Privacy Preserving in Data Mining

Abstract

Privacy preserving data mining is a latest research area in the field of data mining. It is defined as “protecting user’s information”. Protection of privacy has become an important in data mining research because of the increasing ability to store personal data about users and the development of data mining algorithms to infer this information. The main goal in privacy preserving data mining is to develop a system for modifying the original data in some way, so that the private data and knowledge remain private even after the mining process. In this paper we proposed system that used PAM clustering algorithm in health datasets in order to generate set of clusters, then we suggested to select only one cluster to be hidden between another clusters in order to increasing the privacy of users information .The selected cluster are considered as sensitive cluster. Protecting the sensitive cluster is done by using privacy techniques through of modifying the data values(attributes) in the dataset. We suggest to use randomization techniques )Additive Noise , Data Swapping( and Data copying (which it is new suggested technique in this thesis) to prevent attacker from concluding users privacy information in the sensitive cluster.

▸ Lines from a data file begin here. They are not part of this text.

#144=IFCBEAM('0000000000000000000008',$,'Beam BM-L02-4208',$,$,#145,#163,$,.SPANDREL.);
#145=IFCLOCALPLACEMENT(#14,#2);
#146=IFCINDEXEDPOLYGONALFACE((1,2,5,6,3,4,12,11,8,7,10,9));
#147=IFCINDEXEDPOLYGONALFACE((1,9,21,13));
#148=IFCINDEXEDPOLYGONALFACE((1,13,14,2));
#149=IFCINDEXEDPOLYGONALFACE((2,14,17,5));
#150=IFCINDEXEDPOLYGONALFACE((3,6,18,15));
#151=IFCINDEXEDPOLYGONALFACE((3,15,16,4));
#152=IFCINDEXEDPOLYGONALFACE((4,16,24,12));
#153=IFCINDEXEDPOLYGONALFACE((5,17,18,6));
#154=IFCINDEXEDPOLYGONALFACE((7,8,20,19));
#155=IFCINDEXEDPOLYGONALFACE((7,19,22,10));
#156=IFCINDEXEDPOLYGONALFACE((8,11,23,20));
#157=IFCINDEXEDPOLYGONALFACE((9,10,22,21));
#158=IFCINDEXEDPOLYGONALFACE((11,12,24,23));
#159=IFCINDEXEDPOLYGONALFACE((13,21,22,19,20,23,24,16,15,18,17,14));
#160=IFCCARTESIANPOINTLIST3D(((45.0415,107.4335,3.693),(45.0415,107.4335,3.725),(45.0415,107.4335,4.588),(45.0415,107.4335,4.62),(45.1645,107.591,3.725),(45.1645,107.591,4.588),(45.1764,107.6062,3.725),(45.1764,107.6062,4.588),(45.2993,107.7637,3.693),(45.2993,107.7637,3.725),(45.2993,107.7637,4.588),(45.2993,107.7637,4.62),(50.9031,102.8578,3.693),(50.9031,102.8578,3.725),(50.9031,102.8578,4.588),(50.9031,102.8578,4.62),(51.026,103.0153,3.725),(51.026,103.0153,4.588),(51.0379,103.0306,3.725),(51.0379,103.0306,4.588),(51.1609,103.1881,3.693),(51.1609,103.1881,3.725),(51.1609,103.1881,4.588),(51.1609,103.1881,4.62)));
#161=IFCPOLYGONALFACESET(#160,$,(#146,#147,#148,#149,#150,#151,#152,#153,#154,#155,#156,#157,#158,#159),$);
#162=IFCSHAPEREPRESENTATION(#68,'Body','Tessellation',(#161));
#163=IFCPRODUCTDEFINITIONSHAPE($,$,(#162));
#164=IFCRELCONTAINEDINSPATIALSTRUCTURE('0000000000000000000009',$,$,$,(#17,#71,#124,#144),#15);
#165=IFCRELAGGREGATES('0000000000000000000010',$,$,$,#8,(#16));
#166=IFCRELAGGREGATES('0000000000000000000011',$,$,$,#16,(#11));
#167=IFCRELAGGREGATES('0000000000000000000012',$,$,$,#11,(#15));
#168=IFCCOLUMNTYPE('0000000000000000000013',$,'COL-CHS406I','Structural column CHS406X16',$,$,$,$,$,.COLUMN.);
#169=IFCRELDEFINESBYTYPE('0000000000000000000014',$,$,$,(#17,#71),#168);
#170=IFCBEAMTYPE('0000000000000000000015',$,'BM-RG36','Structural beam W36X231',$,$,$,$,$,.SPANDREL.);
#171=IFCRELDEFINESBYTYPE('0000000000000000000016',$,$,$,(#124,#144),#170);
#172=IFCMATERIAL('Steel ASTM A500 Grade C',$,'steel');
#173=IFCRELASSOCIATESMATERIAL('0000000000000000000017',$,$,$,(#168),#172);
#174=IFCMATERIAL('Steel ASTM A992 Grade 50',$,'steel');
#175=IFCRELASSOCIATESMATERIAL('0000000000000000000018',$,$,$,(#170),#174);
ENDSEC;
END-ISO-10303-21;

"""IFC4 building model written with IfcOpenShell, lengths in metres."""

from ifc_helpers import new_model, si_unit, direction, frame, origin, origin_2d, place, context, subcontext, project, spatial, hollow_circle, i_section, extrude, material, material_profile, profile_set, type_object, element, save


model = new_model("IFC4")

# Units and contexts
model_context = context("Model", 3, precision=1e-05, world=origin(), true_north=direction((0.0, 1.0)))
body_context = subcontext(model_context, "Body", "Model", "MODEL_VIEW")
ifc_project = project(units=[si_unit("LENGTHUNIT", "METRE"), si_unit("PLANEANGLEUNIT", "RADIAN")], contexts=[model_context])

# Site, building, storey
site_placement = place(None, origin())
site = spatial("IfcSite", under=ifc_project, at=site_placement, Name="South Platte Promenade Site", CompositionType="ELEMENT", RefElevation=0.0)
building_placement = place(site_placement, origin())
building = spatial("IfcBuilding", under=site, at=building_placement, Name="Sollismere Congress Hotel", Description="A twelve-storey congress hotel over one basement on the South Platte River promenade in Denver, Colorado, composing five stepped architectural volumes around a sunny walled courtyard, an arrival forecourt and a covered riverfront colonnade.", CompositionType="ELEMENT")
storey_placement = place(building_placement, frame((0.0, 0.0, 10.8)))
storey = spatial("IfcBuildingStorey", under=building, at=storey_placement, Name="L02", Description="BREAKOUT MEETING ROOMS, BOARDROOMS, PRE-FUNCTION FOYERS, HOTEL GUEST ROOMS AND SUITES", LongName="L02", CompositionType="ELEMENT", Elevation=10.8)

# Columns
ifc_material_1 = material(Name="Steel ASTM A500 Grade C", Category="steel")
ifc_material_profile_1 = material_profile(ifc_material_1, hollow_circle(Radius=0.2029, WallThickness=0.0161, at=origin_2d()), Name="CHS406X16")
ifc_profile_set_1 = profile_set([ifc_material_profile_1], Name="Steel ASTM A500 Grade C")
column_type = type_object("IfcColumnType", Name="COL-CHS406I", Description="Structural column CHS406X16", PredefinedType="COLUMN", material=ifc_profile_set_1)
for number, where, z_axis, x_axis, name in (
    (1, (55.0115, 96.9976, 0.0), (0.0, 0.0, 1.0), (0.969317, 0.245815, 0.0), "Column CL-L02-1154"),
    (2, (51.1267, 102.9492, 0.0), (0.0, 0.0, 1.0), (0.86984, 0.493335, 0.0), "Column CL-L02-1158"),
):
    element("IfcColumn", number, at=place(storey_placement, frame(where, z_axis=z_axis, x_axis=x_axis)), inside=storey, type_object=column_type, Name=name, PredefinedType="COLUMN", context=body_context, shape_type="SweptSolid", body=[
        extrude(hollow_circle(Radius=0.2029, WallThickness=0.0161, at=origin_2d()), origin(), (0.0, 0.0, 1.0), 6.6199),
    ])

After modification the same clustering algorithm is applied for modified data set to verify whether the selected cluster are hidden or not. Experimental results on these proposed techniques proved that the PAM algorithm is efficient for clustering in all data sets and the selected cluster are protected efficiently by using (Additive Noise , Data Swapping, Data Copying) techniques. These techniques are applied on Wisconsin breast cancer, diabetes and heart stat log data set. The privacy ratio on heart stat log data set was 48%, 52.1739 % and 31.25% in Data Copying, Additive Noise and Data Swapping techniques, respectively, because these kinds of data sets have the special property that they are extremely sparse. Experimental results also proved that the Data copying technique is faster than the existing techniques (swapping and noise addition), finally the results of proposed system proved that the distortion of data can be reduced when the privacy ratio was increased. These are an important issues in PPDM, therefore the proposed system is highly successful in achieving the protection of privacy.